Das Leid der Kosovo-Flüchtlinge beschäftigt viele Palästinenser, vor allem das Schicksal der Flüchtlingsfrauen. Zwar hat die palästinensische Autonomiebehörde bislang keine Balkan-Flüchtlinge aufgenommen – sie könnte das auch nicht ohne die Zustimmung Israels – das Interesse ist dennoch groß. Jeden Tag rufen Dutzende von heiratswilligen Männern beim Direktorat für Zivilangelegenheiten des palästinensischen Religionsministeriums in Ramallah an. Sie erkundigen sich, unter welchen Bedingungen sie Flüchtlingsfrauen aus dem Kosovo heiraten könnten.

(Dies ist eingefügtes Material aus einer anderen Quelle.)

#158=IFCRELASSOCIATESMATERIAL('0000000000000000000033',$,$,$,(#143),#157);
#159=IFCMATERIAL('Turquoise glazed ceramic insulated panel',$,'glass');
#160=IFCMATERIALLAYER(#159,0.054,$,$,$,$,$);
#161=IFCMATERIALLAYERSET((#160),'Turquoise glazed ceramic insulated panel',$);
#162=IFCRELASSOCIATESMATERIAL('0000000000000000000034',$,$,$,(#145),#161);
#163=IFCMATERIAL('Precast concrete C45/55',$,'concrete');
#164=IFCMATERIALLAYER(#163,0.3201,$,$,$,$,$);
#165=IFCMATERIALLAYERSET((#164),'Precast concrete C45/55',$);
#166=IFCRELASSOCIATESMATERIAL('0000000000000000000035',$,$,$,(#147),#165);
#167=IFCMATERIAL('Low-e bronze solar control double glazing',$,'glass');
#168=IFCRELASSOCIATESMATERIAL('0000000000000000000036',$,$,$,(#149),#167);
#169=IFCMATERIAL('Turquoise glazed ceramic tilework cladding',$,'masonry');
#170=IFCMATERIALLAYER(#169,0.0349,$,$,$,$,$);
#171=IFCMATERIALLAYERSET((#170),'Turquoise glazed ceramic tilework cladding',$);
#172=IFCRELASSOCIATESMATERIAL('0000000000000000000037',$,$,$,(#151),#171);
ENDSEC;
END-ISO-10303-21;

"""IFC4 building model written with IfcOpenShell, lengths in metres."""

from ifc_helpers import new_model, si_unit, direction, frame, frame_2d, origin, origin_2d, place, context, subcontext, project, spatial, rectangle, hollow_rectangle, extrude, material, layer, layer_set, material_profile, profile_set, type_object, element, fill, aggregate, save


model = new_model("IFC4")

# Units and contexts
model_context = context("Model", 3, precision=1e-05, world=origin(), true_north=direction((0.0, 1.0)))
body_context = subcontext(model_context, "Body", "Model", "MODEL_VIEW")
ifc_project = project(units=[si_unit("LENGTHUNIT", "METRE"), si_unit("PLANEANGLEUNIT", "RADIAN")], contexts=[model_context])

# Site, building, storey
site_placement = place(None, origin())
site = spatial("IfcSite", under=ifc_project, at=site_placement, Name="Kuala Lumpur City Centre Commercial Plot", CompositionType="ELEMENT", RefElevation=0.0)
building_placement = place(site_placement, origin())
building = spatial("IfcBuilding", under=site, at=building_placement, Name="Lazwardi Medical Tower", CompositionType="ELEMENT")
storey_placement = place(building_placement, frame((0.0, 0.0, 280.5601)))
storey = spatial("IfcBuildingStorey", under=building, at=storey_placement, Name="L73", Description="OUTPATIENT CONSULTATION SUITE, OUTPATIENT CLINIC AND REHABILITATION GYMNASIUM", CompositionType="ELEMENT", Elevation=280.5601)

„Es ist völlig absurd“, klagt Scheich Mohammed Nafe'i, Leiter der Behörde des Waqf-Religionsministeriums. „Kaum ein Tag vergeht ohne diese Anrufe.“ Seine Mitarbeiter sprechen von 20 bis 30 derartigen Anfragen pro Tag im Schnitt. Viele Anrufer beschreiben haarklein, wie die Frau ihres Herzens aussehen soll. „Alter, Haarfarbe, Hautfarbe, Größe, sie haben genaue Vorstellungen“.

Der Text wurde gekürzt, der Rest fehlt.